それは『どんくまさんのかわのたび』という、 絵は柿本幸造さん、作は蔵冨千鶴子さんの絵本です。
この本の美しい紅葉に、約40年ぶりに再会できました。


娘と読んでいた『どうぞのイス』では、どこか懐かしさを覚えたのですが、すっかり、どんくまさんシリーズの存在を忘れていました!その正体に気づいた時に、腑に落ちるような安心感を得るという。。すごい体験✨私にとって、忘れられない大切な一冊でした。

愛着を持って読んだ絵本は、時を経てもその特別な思いは変わらない。

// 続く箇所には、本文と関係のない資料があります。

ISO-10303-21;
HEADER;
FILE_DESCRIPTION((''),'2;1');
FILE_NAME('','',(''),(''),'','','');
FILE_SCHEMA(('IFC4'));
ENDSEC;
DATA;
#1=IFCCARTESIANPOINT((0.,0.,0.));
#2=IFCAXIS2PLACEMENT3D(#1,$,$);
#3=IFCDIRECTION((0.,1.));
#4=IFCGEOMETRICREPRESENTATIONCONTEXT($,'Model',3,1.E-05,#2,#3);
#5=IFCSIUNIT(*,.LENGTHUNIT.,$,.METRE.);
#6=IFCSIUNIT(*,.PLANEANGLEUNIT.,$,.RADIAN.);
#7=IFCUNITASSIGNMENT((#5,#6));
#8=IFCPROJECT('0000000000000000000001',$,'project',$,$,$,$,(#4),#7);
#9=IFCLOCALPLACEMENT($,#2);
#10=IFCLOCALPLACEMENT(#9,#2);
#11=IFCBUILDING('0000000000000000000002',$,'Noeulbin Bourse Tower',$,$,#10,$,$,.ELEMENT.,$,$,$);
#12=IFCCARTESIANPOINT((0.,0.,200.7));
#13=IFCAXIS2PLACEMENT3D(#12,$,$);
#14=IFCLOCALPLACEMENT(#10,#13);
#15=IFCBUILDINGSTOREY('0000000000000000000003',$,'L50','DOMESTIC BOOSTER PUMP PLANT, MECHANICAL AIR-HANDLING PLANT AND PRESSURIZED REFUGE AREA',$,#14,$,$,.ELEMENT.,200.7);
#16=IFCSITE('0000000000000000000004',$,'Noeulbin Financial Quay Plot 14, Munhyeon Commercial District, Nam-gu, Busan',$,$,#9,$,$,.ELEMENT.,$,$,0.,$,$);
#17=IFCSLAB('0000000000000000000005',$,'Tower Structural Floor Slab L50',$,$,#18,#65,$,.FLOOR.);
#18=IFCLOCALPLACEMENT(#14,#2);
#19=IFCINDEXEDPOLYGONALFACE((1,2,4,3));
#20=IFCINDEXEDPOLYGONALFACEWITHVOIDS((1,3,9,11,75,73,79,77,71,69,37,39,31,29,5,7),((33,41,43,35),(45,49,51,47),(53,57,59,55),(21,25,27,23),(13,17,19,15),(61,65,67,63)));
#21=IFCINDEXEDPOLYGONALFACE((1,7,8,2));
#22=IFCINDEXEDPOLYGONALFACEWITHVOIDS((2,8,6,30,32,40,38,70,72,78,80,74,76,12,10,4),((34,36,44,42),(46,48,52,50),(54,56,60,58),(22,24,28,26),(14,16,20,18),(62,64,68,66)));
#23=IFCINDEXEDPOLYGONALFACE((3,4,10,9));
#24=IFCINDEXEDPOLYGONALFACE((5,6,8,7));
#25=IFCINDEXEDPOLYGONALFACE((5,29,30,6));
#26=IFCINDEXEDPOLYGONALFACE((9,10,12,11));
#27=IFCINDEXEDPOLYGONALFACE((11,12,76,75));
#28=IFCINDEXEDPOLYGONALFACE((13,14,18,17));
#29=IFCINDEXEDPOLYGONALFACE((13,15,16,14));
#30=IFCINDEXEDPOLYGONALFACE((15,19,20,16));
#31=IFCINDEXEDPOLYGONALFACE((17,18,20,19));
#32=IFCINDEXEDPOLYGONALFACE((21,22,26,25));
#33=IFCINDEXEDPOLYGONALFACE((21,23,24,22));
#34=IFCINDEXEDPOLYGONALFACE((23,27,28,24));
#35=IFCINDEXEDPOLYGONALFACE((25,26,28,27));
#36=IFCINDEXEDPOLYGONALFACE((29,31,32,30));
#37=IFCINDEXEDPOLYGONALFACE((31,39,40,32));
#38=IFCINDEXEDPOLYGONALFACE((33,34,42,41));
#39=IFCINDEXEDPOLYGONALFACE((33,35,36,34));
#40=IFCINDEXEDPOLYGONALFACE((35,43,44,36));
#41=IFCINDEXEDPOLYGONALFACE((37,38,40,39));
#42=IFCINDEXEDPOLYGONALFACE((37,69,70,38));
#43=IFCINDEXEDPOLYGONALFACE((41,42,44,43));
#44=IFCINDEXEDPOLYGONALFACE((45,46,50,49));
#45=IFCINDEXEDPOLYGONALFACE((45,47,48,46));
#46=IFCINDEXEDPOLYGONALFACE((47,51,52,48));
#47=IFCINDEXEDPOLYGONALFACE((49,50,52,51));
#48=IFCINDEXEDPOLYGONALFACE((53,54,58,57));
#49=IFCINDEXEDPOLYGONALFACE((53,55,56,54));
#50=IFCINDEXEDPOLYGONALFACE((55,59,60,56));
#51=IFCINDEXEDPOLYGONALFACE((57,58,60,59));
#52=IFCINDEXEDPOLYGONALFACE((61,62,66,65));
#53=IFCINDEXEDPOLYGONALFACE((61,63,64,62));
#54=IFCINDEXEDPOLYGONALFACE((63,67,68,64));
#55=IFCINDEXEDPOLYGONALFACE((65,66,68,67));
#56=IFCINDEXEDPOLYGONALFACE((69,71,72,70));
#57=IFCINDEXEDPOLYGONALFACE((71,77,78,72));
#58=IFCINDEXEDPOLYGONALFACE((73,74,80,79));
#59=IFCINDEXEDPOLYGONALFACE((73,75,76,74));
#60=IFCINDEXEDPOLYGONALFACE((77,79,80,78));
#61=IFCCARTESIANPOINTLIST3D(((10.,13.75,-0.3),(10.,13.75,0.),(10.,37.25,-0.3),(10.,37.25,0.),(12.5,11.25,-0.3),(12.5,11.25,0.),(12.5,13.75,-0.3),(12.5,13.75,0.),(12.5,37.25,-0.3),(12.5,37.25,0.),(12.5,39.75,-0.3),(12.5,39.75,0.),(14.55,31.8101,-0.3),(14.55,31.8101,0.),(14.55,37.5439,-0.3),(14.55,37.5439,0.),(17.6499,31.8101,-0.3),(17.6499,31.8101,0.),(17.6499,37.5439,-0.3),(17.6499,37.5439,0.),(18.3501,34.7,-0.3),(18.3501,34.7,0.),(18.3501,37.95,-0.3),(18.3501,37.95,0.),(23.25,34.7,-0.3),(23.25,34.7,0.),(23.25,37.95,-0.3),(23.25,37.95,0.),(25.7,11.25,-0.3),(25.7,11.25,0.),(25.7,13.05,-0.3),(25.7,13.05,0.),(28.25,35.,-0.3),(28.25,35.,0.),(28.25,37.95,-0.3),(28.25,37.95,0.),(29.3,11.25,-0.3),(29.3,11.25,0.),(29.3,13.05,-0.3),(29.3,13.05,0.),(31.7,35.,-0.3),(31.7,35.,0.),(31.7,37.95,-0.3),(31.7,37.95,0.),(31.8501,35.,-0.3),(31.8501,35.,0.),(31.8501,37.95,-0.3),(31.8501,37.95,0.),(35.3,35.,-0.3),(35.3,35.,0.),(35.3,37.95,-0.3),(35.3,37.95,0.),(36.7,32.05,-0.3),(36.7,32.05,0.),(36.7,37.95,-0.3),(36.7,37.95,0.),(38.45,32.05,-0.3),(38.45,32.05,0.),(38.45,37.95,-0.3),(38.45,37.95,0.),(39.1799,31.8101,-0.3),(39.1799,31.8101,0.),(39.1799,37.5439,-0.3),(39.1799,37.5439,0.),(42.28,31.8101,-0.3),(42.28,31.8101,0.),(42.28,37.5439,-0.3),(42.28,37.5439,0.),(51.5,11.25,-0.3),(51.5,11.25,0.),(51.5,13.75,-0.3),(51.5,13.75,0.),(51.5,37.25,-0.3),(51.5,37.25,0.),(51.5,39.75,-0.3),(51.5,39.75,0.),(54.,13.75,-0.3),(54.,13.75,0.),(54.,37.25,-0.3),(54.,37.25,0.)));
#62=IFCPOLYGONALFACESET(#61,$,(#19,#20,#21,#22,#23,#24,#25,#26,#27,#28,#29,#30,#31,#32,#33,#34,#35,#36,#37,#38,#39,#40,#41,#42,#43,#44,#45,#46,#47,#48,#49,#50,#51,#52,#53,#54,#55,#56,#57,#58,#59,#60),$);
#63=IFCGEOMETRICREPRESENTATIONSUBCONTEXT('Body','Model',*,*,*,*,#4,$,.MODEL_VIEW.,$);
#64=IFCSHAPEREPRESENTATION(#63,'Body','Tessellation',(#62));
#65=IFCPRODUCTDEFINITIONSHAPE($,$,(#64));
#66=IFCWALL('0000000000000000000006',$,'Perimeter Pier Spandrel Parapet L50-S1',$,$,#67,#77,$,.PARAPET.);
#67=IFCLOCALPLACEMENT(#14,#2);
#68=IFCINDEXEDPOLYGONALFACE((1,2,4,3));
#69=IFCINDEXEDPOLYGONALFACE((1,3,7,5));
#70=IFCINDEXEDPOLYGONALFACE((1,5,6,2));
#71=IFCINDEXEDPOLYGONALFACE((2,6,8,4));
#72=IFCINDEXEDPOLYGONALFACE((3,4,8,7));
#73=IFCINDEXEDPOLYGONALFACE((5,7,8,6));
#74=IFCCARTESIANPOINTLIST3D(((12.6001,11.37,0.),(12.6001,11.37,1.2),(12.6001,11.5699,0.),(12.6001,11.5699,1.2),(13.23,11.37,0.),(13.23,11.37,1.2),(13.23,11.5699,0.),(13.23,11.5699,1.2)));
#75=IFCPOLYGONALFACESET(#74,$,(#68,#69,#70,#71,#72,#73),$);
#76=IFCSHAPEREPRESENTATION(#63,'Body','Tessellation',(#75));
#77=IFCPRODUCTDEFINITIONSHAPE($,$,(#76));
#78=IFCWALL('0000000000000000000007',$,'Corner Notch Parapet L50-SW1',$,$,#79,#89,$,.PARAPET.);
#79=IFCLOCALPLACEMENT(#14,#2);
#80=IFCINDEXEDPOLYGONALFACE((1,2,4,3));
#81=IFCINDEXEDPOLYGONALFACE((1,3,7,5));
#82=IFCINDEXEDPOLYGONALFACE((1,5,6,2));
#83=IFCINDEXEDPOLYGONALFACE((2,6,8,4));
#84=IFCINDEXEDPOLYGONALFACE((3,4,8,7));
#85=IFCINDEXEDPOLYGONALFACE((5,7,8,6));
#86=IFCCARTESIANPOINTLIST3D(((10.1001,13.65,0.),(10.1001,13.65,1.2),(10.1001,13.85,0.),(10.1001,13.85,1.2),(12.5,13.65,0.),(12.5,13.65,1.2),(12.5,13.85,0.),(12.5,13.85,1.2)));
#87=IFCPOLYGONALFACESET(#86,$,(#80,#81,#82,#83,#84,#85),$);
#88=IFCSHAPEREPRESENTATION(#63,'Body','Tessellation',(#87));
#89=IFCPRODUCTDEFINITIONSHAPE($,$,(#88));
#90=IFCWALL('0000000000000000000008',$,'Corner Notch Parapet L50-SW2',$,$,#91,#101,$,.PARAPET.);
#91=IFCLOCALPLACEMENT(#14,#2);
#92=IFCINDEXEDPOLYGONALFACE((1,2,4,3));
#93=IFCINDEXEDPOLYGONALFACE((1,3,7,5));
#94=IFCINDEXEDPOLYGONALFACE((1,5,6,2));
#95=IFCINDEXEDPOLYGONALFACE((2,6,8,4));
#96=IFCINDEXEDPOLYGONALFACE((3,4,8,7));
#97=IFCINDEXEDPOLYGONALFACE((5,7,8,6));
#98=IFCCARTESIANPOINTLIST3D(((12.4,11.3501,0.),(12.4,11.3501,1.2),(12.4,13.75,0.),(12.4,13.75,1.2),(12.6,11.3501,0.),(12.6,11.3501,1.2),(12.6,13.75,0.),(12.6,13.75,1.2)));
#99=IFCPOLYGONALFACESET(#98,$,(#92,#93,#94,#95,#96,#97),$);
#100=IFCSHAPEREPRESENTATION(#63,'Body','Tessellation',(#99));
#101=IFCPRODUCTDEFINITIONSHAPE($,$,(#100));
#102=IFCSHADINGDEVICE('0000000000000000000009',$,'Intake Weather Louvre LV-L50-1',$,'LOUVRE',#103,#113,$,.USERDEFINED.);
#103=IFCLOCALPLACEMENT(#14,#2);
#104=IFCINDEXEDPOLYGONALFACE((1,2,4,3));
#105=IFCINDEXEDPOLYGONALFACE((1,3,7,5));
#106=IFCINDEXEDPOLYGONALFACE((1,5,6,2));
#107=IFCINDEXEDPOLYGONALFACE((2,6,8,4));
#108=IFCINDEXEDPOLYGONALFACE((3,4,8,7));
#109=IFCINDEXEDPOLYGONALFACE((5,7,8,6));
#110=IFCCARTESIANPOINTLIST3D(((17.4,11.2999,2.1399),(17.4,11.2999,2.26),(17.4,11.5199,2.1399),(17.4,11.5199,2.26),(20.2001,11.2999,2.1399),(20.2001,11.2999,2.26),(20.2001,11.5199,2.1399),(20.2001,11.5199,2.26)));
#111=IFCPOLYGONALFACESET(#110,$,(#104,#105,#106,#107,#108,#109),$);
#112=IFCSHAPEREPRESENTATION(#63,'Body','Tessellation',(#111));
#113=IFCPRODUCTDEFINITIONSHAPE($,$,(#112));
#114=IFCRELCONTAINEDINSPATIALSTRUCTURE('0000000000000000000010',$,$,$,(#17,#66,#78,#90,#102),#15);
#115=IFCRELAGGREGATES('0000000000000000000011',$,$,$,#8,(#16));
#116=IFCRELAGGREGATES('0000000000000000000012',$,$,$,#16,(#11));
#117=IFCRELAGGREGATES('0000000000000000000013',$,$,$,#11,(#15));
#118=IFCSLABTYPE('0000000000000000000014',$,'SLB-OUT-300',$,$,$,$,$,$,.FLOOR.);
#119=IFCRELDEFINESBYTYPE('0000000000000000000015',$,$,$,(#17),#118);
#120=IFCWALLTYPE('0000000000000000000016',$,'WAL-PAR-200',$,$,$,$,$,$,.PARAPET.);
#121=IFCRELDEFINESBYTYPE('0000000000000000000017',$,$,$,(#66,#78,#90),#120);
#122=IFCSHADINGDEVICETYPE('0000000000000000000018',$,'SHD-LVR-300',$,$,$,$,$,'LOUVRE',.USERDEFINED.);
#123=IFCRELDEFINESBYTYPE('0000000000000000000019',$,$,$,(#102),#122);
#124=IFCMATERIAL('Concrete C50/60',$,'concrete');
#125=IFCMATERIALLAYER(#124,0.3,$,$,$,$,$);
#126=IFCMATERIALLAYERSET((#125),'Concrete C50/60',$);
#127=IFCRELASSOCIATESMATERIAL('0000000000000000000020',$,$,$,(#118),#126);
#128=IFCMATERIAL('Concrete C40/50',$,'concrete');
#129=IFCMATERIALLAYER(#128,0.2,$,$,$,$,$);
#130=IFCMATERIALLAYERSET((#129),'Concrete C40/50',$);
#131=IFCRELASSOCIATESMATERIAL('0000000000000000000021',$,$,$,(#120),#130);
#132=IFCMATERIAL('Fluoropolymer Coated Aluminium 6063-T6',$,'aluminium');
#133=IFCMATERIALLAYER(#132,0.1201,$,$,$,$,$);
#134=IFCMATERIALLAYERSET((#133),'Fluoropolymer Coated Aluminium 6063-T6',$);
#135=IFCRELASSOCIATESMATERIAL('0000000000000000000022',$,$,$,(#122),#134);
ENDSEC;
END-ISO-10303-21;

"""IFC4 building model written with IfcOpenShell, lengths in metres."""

from ifc_helpers import new_model, si_unit, direction, frame, frame_2d, origin, origin_2d, place, context, subcontext, project, spatial, polyline, rectangle, outline, extrude, material, layer, layer_set, type_object, element, save


model = new_model("IFC4")

# Units and contexts
model_context = context("Model", 3, precision=1e-05, world=origin(), true_north=direction((0.0, 1.0)))
body_context = subcontext(model_context, "Body", "Model", "MODEL_VIEW")
ifc_project = project(units=[si_unit("LENGTHUNIT", "METRE"), si_unit("PLANEANGLEUNIT", "RADIAN")], contexts=[model_context])

# Site, building, storey
site_placement = place(None, origin())
site = spatial("IfcSite", under=ifc_project, at=site_placement, Name="Noeulbin Financial Quay Plot 14, Munhyeon Commercial District, Nam-gu, Busan", CompositionType="ELEMENT", RefElevation=0.0)
building_placement = place(site_placement, origin())
building = spatial("IfcBuilding", under=site, at=building_placement, Name="Noeulbin Bourse Tower", CompositionType="ELEMENT")
storey_placement = place(building_placement, frame((0.0, 0.0, 200.7)))
storey = spatial("IfcBuildingStorey", under=building, at=storey_placement, Name="L50", Description="DOMESTIC BOOSTER PUMP PLANT, MECHANICAL AIR-HANDLING PLANT AND PRESSURIZED REFUGE AREA", CompositionType="ELEMENT", Elevation=200.7)

# Shared definitions
ifc_material_1 = material(Name="Concrete C40/50", Category="concrete")

# Slab, openings
ifc_material_2 = material(Name="Concrete C50/60", Category="concrete")
ifc_layer_1 = layer(ifc_material_2, 0.3)
ifc_layer_set_1 = layer_set([ifc_layer_1], Name="Concrete C50/60")
slab_type_1 = type_object("IfcSlabType", Name="SLB-OUT-300", PredefinedType="FLOOR", material=ifc_layer_set_1)
slab_1_placement = place(storey_placement, frame((0.0, 0.0, -0.3)))
slab_1 = element("IfcSlab", 1, at=slab_1_placement, inside=storey, type_object=slab_type_1, Name="Tower Structural Floor Slab L50", PredefinedType="FLOOR", context=body_context, shape_type="SweptSolid", body=[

記憶の深いところにその感触は残っていて、自分らしさの一部になっていたようです。

蔵王の紅葉

久しぶりに絵本を開いた洗い出し作業は、記憶と心の整理になりました。
ここが好きなんだよ〜といった心の再確認の時間になりましたし、なるほど、このシーンの思想に影響されている〜という発見もありました。
そして、自分が今の時代に新しく描くとしたら、どんな表現かなという展望を持てた、意義のある時間となりました。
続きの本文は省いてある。